Restoring the Text: Data Hosting
The size of the Livingstone data archive necessitated hosting by an institution that could provide robust, long-term data storage and curation. The NEH grant application stated that the archive would "be hosted by Livingstone Online, while backup data hosting will be facilitated by The Early Manuscripts Electronic Library."
To meet this requirement, Wisnicki in collaboration with Michael Phelps (Executive Director of EMEL), Todd Grapone (Associate University Librarian for Digital Initiatives and Information Technology at UCLA), and Stephen Davison (Head of the UCLA Digital Library Program) arranged for UCLA both to host the data and seamlessly integrate it into Livingstone Online. Subsequent funding complications for Livingstone Online, however, necessitated that the integration be put off to a later date, and the team devised an alternative publication strategy: hosting by the UCLA Digital Library Program and joint publication by the Library and Livingstone Online.
Creating a Publication Template and XML Encoding
In July 2010, the Livingstone team published the beta version of Letter from Bambarre through EMEL. This represented an interim solution necessitated by funding and resource constraints. The team transferred the Letter to the UCLA Digital Library once the partnership with UCLA had been established in August 2010. Kristin Jensen of Between the Lines Editing, Ireland, provided pro-bono editorial work, then Wisnicki in collaboration with Sarina Sinick, a student at UCLA, began to refine and develop the electronic edition of the Letter. They completed the edition in May 2011 and formally republished the Letter, with announcements sent out to academic sites. To streamline efforts, the team decided to use the new edition of the Letter as the publication template for the 1871 Field Diary.
Figure 1. Simpson during the spectral imaging
phase in Edinburgh, June 2010.
Simultaneously, Wisnicki in collaboration with Kate Simpson, a research assistant recruited from Edinburgh Napier University, began to transcribe and encode the 1871 Field Diary in XML. The transcription and encoding process got underway in February 2011 as the imaging scientists systematically began to produce the processed spectral images. Wisnicki’s prior XML experience was limited to encoding the exceptionally challenging Letter from Bambarre in TEI P4 using the Livingstone Online tagging guidelines. However, the Livingstone team decided to encode the diary in TEI P5.
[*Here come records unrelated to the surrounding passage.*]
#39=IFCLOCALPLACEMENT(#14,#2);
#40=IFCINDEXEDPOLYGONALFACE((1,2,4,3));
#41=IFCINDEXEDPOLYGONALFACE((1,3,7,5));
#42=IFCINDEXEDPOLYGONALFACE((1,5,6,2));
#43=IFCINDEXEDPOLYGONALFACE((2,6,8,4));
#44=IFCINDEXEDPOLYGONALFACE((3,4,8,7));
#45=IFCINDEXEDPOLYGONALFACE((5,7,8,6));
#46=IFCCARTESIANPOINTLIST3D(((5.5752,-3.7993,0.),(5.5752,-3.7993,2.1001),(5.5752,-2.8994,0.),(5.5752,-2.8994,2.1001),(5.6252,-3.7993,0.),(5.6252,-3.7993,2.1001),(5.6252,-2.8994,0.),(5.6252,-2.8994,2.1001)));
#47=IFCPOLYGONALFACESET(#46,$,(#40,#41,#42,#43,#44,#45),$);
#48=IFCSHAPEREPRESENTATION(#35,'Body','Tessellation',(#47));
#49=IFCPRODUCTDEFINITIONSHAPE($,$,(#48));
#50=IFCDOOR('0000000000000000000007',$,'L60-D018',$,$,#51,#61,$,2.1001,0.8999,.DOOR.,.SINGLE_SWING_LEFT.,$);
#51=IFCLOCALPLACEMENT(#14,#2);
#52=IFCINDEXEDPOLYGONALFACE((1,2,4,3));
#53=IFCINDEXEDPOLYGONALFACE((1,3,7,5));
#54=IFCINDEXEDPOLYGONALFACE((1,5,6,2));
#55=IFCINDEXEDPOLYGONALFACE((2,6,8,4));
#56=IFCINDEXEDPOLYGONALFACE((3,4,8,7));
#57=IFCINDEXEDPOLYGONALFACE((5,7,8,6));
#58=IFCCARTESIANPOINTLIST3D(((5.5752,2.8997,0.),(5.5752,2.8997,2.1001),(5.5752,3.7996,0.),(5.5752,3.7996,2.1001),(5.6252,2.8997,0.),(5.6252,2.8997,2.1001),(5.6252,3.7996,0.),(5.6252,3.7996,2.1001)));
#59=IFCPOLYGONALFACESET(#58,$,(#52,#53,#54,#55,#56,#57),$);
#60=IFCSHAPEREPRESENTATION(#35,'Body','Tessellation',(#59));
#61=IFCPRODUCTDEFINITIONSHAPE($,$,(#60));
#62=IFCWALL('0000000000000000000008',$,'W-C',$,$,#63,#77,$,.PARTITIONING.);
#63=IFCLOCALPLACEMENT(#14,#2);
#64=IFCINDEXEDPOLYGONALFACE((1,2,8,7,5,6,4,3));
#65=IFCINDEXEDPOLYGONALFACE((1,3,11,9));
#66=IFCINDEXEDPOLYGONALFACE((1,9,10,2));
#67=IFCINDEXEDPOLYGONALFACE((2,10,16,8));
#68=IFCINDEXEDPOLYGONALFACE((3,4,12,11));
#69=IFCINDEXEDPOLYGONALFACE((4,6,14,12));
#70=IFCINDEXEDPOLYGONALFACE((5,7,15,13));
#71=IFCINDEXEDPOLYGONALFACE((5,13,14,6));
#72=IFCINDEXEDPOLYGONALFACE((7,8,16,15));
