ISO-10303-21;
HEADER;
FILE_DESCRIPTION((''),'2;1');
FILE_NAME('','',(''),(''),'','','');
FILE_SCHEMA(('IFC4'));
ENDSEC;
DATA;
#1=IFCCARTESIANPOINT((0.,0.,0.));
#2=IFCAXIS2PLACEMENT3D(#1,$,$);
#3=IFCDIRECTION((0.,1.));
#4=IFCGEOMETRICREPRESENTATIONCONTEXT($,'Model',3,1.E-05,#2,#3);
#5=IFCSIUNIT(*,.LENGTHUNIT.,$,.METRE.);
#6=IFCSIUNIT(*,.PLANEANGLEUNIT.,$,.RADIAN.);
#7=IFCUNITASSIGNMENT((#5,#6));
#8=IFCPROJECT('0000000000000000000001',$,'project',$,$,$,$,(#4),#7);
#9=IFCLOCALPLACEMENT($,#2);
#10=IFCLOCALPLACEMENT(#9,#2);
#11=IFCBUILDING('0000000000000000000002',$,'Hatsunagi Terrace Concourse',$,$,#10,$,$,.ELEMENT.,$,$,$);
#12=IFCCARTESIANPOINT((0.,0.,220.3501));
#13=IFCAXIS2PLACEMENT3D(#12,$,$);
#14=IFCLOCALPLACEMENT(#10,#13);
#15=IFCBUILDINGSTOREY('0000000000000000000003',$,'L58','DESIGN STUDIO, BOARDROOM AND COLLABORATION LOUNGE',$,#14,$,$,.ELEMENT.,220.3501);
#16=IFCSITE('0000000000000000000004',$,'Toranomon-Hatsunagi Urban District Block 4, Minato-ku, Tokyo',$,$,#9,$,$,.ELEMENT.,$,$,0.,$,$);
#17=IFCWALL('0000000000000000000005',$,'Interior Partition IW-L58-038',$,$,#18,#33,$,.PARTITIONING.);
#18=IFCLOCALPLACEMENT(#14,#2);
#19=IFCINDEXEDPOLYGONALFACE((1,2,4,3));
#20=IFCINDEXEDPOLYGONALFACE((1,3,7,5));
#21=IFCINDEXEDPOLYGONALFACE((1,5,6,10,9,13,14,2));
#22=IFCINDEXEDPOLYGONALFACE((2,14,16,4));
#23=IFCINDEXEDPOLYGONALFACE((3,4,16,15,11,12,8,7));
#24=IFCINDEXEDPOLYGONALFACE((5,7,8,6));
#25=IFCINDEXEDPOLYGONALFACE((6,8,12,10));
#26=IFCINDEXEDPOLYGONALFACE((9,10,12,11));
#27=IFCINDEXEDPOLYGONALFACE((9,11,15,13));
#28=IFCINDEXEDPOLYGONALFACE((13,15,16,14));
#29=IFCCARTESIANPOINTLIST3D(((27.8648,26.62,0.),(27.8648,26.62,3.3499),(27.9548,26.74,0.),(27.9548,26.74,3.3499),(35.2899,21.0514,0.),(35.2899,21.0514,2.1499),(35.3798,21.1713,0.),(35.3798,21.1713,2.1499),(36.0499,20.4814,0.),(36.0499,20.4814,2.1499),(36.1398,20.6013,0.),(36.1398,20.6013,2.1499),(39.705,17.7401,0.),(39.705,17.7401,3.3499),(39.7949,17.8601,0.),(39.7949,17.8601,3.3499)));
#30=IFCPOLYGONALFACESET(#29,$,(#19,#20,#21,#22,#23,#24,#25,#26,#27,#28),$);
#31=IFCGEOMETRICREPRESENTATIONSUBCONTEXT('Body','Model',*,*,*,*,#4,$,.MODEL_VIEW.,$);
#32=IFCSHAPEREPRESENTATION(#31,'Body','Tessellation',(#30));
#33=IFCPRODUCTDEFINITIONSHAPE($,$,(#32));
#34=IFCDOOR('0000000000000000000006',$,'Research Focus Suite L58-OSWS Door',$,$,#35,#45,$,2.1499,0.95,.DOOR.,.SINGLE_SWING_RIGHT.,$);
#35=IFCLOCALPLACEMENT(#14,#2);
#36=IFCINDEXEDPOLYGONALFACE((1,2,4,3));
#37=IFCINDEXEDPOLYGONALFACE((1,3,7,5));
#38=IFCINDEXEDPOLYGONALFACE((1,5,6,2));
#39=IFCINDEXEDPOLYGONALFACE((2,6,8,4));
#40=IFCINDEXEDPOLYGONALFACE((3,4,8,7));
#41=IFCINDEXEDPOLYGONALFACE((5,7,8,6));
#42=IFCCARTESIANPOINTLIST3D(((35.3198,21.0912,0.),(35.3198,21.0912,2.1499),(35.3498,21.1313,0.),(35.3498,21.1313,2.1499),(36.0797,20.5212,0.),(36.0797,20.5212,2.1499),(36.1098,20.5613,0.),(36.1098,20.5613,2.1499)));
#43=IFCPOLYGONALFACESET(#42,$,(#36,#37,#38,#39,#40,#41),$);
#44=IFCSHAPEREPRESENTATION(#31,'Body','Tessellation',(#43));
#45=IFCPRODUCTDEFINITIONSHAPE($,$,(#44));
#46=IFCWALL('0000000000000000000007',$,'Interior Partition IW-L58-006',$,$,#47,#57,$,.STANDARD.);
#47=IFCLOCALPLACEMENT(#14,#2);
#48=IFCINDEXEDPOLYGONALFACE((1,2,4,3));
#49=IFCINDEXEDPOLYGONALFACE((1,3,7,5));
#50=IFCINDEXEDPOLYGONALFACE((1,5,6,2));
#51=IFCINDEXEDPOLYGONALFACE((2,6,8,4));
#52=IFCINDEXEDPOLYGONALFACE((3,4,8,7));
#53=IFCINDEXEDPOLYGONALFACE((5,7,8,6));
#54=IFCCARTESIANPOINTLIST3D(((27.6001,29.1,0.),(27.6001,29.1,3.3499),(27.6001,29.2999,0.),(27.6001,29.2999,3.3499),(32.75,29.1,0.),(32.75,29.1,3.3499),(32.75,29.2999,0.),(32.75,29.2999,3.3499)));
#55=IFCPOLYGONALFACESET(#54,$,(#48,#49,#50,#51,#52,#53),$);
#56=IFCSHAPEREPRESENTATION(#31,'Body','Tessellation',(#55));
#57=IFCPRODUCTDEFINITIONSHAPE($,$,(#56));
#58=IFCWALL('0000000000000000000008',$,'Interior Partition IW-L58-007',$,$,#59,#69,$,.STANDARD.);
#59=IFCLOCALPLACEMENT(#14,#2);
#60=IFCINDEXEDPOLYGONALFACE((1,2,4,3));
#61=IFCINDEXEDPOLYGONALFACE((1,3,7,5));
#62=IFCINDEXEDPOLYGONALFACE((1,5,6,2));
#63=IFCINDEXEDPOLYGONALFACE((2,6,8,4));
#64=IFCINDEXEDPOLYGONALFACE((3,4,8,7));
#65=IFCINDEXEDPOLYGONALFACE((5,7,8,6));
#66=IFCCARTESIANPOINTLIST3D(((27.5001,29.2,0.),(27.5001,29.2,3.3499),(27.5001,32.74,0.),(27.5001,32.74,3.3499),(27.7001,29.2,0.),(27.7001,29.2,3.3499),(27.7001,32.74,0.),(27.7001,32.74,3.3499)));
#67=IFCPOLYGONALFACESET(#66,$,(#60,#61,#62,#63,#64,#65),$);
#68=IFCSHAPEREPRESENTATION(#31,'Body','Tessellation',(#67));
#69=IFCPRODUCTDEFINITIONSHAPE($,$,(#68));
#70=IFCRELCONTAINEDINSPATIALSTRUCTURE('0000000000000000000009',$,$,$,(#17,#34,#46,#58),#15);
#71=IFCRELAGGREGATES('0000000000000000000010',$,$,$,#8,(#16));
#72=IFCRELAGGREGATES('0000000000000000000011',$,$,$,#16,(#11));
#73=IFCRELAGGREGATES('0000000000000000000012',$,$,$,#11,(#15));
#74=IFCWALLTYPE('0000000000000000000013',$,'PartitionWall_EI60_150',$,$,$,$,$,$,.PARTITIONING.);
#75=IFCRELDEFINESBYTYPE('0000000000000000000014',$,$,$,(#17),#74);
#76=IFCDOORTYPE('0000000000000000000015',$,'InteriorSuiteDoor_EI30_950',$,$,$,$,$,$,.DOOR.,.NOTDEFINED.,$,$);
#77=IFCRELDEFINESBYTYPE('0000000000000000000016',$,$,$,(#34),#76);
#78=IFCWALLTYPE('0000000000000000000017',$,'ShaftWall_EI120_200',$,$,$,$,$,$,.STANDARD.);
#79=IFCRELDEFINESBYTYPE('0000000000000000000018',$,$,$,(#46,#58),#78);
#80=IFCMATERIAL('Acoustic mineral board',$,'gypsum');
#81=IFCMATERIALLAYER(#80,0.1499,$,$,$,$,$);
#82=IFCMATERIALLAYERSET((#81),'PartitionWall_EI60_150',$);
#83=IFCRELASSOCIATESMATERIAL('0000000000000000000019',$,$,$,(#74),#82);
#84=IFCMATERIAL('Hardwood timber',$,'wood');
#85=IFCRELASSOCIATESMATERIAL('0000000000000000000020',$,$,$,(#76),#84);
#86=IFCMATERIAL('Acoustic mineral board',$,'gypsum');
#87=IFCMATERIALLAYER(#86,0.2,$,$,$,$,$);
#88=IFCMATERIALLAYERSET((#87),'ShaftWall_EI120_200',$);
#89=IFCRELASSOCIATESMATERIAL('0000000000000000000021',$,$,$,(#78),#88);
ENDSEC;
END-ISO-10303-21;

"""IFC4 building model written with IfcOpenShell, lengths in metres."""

from ifc_helpers import new_model, si_unit, direction, frame, frame_2d, origin, place, context, subcontext, project, spatial, rectangle, extrude, material, layer, layer_set, type_object, element, fill, save


model = new_model("IFC4")

# Units and contexts
model_context = context("Model", 3, precision=1e-05, world=origin(), true_north=direction((0.0, 1.0)))
body_context = subcontext(model_context, "Body", "Model", "MODEL_VIEW")
ifc_project = project(units=[si_unit("LENGTHUNIT", "METRE"), si_unit("PLANEANGLEUNIT", "RADIAN")], contexts=[model_context])

# Site, building, storey
site_placement = place(None, origin())
site = spatial("IfcSite", under=ifc_project, at=site_placement, Name="Toranomon-Hatsunagi Urban District Block 4, Minato-ku, Tokyo", CompositionType="ELEMENT", RefElevation=0.0)
building_placement = place(site_placement, origin())
building = spatial("IfcBuilding", under=site, at=building_placement, Name="Hatsunagi Terrace Concourse", CompositionType="ELEMENT")
storey_placement = place(building_placement, frame((0.0, 0.0, 220.3501)))
storey = spatial("IfcBuildingStorey", under=building, at=storey_placement, Name="L58", Description="DESIGN STUDIO, BOARDROOM AND COLLABORATION LOUNGE", CompositionType="ELEMENT", Elevation=220.3501)

# Shared definitions
ifc_material_1 = material(Name="Acoustic mineral board", Category="gypsum")
ifc_layer_1 = layer(ifc_material_1, 0.1499)
ifc_layer_set_1 = layer_set([ifc_layer_1], Name="PartitionWall_EI60_150")
wall_type_1 = type_object("IfcWallType", Name="PartitionWall_EI60_150", PredefinedType="PARTITIONING", material=ifc_layer_set_1)

# Wall, opening, door
ifc_material_2 = material(Name="Hardwood timber", Category="wood")
door_type_1 = type_object("IfcDoorType", Name="InteriorSuiteDoor_EI30_950", OperationType="NOTDEFINED", PredefinedType="DOOR", material=ifc_material_2)
wall_1_placement = place(storey_placement, frame((27.9099, 26.6799, 0.0), z_axis=(0.0, 0.0, 1.0), x_axis=(0.800006, -0.599992, 0.0)))
wall_1 = element("IfcWall", 1, at=wall_1_placement, inside=storey, type_object=wall_type_1, Name="Interior Partition IW-L58-038", PredefinedType="PARTITIONING", context=body_context, shape_type="SweptSolid", body=[
    extrude(rectangle(XDim=14.8, YDim=0.1499, at=frame_2d((7.3999, 0.0))), origin(), (0.0, 0.0, 1.0), 3.3499),
])
opening_1_placement = place(wall_1_placement, frame((9.281, 0.0, 0.0)))
opening_1 = element("IfcOpeningElement", 2, at=opening_1_placement, cuts=wall_1, PredefinedType="OPENING", context=body_context, shape_type="SweptSolid", body=[
    extrude(rectangle(XDim=0.95, YDim=2.1499, at=frame_2d((0.4751, 1.075))), frame((0.0, 0.085, 0.0), z_axis=(0.0, -1.0, 0.0), x_axis=(1.0, 0.0, 0.0)), (0.0, 0.0, 1.0), 0.1699),
])
door_1_placement = place(opening_1_placement, origin())
door_1 = element("IfcDoor", 3, at=door_1_placement, inside=storey, type_object=door_type_1, Name="Research Focus Suite L58-OSWS Door", OperationType="SINGLE_SWING_RIGHT", OverallHeight=2.1499, OverallWidth=0.95, PredefinedType="DOOR", context=body_context, shape_type="SweptSolid", body=[
    extrude(rectangle(XDim=0.95, YDim=2.1499, at=frame_2d((0.4751, 1.075))), frame((0.0, 0.0249, 0.0), z_axis=(0.0, -1.0, 0.0), x_axis=(1.0, 0.0, 0.0)), (0.0, 0.0, 1.0), 0.05),
])
fill(opening_1, door_1)

# Walls
ifc_material_3 = material(Name="Acoustic mineral board", Category="gypsum")
ifc_layer_2 = layer(ifc_material_3, 0.2)
ifc_layer_set_2 = layer_set([ifc_layer_2], Name="ShaftWall_EI120_200")
wall_type_2 = type_object("IfcWallType", Name="ShaftWall_EI120_200", PredefinedType="STANDARD", material=ifc_layer_set_2)
wall_2_placement = place(storey_placement, frame((27.6001, 29.2, 0.0), z_axis=(0.0, 0.0, 1.0), x_axis=(1.0, 0.0, 0.0)))
element("IfcWall", 4, at=wall_2_placement, inside=storey, type_object=wall_type_2, Name="Interior Partition IW-L58-006", PredefinedType="STANDARD", context=body_context, shape_type="SweptSolid", body=[
    extrude(rectangle(XDim=5.1499, YDim=0.2, at=frame_2d((2.575, 0.0))), origin(), (0.0, 0.0, 1.0), 3.3499),
])
wall_3_placement = place(storey_placement, frame((27.6001, 29.2, 0.0), z_axis=(0.0, 0.0, 1.0), x_axis=(0.0, 1.0, 0.0)))
element("IfcWall", 5, at=wall_3_placement, inside=storey, type_object=wall_type_2, Name="Interior Partition IW-L58-007", PredefinedType="STANDARD", context=body_context, shape_type="SweptSolid", body=[
    extrude(rectangle(XDim=3.54, YDim=0.2, at=frame_2d((1.77, 0.0))), origin(), (0.0, 0.0, 1.0), 3.3499),
])

save(model, "model.ifc")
As a result, Lisa McAulay, the Librarian for Digital Collection Development at UCLA, now updated the Letter, created an encoding template for Wisnicki, and provided him with strategic encoding support. Later, James Cummings, Manager of InfoDev (Research Support and Data Solutions) at the University of Oxford, also assisted the team in addressing the most difficult encoding issues. Thanks to this assistance, Wisnicki quickly developed TEI P5 proficiency and, in turn, trained Simpson who had no prior tagging experience. Wisnicki also summarized all encoding decisions in a detailed XML TEI P5 Encoding Practices document.
Figures 2 and 3. Lisa McAulay (left) during a break
in supporting the XML encoding of the 1871 Field Diary.
James Cummings (right) tackling thorny XML coding issues.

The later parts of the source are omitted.